Agriculture
Pollination gets a push from La Crosse area groups during an event on French Island
The birds and the bees, and the flowers and the trees all are getting help from a regional collaboration involving the Rotary Club and other groups.
Members of several organizations gathered on the Mississippi River side of French Island on Thursday, to sign an agreement to work on fighting against the disappearance of pollinators, needed to sustain the food supply.
“It’s a number of organizations coming together to do their part to help pollinators,” said Chris Stein, one of the founders of the movement called “Operation Pollination.” “What these organizations will now do, is they will reach out to the members or the groups that they work with, and ask them to get involved, too, so everybody up and down the entire Mississippi River tries to do something for pollinators.”

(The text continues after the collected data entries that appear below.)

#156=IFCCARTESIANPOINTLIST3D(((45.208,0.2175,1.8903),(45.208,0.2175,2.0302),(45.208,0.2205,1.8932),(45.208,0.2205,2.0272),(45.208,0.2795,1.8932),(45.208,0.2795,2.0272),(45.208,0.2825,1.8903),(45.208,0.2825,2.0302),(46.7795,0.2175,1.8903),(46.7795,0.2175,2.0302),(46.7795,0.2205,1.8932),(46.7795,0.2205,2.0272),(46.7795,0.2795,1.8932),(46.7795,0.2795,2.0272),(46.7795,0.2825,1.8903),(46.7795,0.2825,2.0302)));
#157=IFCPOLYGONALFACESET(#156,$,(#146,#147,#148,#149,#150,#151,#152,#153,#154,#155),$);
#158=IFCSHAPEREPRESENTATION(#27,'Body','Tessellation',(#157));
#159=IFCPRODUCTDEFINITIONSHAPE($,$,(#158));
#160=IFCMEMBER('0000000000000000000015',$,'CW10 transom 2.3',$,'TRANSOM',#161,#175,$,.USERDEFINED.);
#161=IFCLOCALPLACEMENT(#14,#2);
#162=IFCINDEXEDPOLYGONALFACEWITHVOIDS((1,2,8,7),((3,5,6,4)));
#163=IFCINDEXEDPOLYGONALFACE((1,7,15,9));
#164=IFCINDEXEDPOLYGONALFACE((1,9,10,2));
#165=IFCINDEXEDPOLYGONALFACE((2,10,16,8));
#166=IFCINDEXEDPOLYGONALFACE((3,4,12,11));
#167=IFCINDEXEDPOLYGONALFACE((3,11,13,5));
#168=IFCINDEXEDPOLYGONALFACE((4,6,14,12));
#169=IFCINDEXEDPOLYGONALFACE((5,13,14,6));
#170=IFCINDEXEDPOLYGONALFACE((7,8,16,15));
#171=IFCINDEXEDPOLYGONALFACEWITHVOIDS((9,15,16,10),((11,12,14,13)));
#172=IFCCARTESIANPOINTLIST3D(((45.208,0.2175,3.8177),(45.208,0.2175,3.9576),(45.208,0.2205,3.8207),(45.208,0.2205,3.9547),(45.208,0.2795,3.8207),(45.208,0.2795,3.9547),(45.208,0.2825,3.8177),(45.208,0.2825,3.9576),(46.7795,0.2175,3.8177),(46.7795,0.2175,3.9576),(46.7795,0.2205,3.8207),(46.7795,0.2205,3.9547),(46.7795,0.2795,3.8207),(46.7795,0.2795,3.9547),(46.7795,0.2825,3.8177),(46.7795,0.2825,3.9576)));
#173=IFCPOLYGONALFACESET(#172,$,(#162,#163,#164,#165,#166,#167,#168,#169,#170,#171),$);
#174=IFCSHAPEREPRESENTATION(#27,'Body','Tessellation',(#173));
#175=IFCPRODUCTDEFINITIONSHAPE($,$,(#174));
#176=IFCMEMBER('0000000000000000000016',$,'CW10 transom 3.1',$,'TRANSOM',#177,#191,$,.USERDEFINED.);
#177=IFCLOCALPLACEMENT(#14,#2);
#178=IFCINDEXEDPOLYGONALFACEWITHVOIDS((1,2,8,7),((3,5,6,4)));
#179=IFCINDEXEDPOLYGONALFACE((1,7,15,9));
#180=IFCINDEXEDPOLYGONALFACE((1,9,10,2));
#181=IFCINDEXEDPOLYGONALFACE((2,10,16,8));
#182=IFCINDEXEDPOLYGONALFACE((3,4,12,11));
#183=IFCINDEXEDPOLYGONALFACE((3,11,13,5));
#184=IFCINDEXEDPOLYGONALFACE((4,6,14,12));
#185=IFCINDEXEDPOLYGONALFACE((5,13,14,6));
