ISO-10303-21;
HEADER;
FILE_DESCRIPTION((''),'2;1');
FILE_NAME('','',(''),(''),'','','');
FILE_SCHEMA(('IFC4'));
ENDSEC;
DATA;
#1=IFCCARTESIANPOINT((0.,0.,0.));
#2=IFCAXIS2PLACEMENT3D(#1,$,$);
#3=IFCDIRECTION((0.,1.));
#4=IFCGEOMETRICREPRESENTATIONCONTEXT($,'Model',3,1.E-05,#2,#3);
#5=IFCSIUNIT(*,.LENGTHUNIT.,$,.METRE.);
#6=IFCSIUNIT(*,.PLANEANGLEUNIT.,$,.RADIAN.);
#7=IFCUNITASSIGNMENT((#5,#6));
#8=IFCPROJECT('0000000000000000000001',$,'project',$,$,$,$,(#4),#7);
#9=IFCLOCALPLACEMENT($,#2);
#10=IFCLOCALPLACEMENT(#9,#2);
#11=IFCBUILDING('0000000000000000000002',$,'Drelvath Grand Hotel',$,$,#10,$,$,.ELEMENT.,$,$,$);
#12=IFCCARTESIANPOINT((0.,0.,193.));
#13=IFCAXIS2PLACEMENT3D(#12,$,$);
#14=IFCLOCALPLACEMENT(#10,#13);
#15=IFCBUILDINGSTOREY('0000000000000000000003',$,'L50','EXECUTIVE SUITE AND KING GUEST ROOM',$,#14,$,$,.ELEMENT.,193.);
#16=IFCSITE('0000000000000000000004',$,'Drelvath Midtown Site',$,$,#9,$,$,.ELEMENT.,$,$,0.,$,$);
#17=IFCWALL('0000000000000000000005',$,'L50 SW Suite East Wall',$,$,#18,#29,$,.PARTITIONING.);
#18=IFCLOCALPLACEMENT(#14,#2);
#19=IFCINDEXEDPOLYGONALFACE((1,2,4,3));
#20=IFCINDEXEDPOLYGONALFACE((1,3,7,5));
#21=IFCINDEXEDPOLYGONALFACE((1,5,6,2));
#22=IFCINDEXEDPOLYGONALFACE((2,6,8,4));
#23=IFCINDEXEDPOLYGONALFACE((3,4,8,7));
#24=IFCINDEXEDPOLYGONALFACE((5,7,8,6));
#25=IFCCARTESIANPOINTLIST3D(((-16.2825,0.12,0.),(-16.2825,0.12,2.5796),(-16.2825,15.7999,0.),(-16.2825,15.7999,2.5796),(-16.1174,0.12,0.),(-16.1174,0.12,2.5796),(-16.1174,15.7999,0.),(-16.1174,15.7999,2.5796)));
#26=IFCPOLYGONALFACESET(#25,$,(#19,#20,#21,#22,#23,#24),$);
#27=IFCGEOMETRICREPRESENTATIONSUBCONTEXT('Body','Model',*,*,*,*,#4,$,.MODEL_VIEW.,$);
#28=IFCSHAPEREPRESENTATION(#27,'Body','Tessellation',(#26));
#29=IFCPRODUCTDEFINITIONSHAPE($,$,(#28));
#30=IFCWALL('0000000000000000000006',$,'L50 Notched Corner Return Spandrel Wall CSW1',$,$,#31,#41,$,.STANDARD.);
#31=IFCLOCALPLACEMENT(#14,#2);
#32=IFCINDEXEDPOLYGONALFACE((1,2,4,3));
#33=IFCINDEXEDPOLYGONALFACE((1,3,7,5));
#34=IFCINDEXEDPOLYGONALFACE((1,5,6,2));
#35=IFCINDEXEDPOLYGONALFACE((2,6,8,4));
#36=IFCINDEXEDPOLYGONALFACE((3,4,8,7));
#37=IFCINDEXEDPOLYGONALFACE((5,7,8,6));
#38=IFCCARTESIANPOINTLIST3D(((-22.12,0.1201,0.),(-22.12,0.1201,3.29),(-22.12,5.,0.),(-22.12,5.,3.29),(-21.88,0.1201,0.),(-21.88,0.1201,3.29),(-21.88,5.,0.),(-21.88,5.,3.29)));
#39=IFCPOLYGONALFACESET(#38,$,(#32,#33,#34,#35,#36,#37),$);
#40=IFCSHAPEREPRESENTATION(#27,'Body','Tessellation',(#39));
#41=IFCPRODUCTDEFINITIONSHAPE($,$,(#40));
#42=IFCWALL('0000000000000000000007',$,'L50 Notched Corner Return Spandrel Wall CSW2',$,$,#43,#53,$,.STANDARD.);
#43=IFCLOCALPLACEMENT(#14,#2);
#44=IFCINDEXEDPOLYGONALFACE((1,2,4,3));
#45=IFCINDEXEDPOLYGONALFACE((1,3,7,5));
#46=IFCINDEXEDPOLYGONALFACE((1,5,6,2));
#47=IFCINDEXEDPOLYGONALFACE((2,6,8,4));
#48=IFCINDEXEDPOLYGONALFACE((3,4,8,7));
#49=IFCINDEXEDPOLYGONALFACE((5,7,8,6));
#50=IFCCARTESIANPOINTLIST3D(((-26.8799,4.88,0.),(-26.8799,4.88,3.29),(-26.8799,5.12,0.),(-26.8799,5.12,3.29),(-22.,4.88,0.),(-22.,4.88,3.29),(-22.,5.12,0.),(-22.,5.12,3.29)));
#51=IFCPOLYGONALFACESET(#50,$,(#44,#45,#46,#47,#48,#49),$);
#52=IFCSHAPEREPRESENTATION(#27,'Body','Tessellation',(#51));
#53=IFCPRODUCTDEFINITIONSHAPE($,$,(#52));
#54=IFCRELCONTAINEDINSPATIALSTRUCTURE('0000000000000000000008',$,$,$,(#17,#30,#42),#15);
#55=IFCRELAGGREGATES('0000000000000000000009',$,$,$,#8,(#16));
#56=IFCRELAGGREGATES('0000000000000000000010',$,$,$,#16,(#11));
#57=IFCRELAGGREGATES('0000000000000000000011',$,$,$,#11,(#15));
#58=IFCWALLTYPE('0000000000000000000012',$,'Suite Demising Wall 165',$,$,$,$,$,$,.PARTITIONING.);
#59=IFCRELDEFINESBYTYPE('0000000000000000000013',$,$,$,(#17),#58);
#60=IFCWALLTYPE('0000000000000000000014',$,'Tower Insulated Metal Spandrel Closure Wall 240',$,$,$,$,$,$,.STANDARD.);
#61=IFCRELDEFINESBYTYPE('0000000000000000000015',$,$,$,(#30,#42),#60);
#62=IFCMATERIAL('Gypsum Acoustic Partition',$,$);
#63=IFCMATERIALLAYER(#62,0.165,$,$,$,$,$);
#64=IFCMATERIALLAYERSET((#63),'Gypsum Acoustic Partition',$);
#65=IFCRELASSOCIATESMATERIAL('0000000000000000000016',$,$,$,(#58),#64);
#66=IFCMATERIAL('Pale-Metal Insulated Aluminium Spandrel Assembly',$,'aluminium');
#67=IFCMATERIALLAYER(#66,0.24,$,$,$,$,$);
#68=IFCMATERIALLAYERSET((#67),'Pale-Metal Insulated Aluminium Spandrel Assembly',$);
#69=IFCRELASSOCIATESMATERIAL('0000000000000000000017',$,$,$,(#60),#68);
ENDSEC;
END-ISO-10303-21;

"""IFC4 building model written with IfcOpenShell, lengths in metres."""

from ifc_helpers import new_model, si_unit, direction, frame, frame_2d, origin, place, context, subcontext, project, spatial, rectangle, extrude, material, layer, layer_set, type_object, element, save


model = new_model("IFC4")

# Units and contexts
model_context = context("Model", 3, precision=1e-05, world=origin(), true_north=direction((0.0, 1.0)))
body_context = subcontext(model_context, "Body", "Model", "MODEL_VIEW")
ifc_project = project(units=[si_unit("LENGTHUNIT", "METRE"), si_unit("PLANEANGLEUNIT", "RADIAN")], contexts=[model_context])

# Site, building, storey
site_placement = place(None, origin())
site = spatial("IfcSite", under=ifc_project, at=site_placement, Name="Drelvath Midtown Site", CompositionType="ELEMENT", RefElevation=0.0)
building_placement = place(site_placement, origin())
building = spatial("IfcBuilding", under=site, at=building_placement, Name="Drelvath Grand Hotel", CompositionType="ELEMENT")
storey_placement = place(building_placement, frame((0.0, 0.0, 193.0)))
storey = spatial("IfcBuildingStorey", under=building, at=storey_placement, Name="L50", Description="EXECUTIVE SUITE AND KING GUEST ROOM", CompositionType="ELEMENT", Elevation=193.0)

# Walls
ifc_material_1 = material(Name="Gypsum Acoustic Partition")
ifc_layer_1 = layer(ifc_material_1, 0.165)
ifc_layer_set_1 = layer_set([ifc_layer_1], Name="Gypsum Acoustic Partition")
wall_type_1 = type_object("IfcWallType", Name="Suite Demising Wall 165", PredefinedType="PARTITIONING", material=ifc_layer_set_1)
wall_placement = place(storey_placement, frame((-16.2, 0.1201, 0.0), z_axis=(0.0, 0.0, 1.0), x_axis=(0.0, 1.0, 0.0)))
element("IfcWall", 1, at=wall_placement, inside=storey, type_object=wall_type_1, Name="L50 SW Suite East Wall", PredefinedType="PARTITIONING", context=body_context, shape_type="SweptSolid", body=[
    extrude(rectangle(XDim=15.6799, YDim=0.165, at=frame_2d((7.8398, 0.0))), origin(), (0.0, 0.0, 1.0), 2.5796),
])
ifc_material_2 = material(Name="Pale-Metal Insulated Aluminium Spandrel Assembly", Category="aluminium")
ifc_layer_2 = layer(ifc_material_2, 0.24)
ifc_layer_set_2 = layer_set([ifc_layer_2], Name="Pale-Metal Insulated Aluminium Spandrel Assembly")
wall_type_2 = type_object("IfcWallType", Name="Tower Insulated Metal Spandrel Closure Wall 240", PredefinedType="STANDARD", material=ifc_layer_set_2)
for number, where, z_axis, x_axis, name in (
    (2, (-22.0, 0.1201, 0.0), (0.0, 0.0, 1.0), (0.0, 1.0, 0.0), "L50 Notched Corner Return Spandrel Wall CSW1"),
    (3, (-22.0, 5.0, 0.0), (0.0, 0.0, 1.0), (-1.0, 0.0, 0.0), "L50 Notched Corner Return Spandrel Wall CSW2"),
):
    element("IfcWall", number, at=place(storey_placement, frame(where, z_axis=z_axis, x_axis=x_axis)), inside=storey, type_object=wall_type_2, Name=name, PredefinedType="STANDARD", context=body_context, shape_type="SweptSolid", body=[
        extrude(rectangle(XDim=4.8799, YDim=0.24, at=frame_2d((2.4399, 0.0))), origin(), (0.0, 0.0, 1.0), 3.29),
    ])

save(model, "model.ifc")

The campaign is concerned about shortages in pollinating plants, and animals such as butterflies and bees which do the pollinating. La Crosse Mayor Mitch Reynolds signed the agreement as well, saying pollination helps maintain water and soil quality.
The ceremony happened at the riverside home of Roz Schnick, who has developed gardens on her property to promote the growth of bees and other pollinators. Near her gardens, she keeps a building called “The Monarchy,” named in honor of Monarch butterflies.
“If we’re gonna survive as the human race, we have to start thinking about all these things that link everything together, and what links everything together is, if we don’t have food, how are we going to survive,” said Schnick.
Stein says over the past 50 years, 40 per cent of pollinators around the U.S. have disappeared.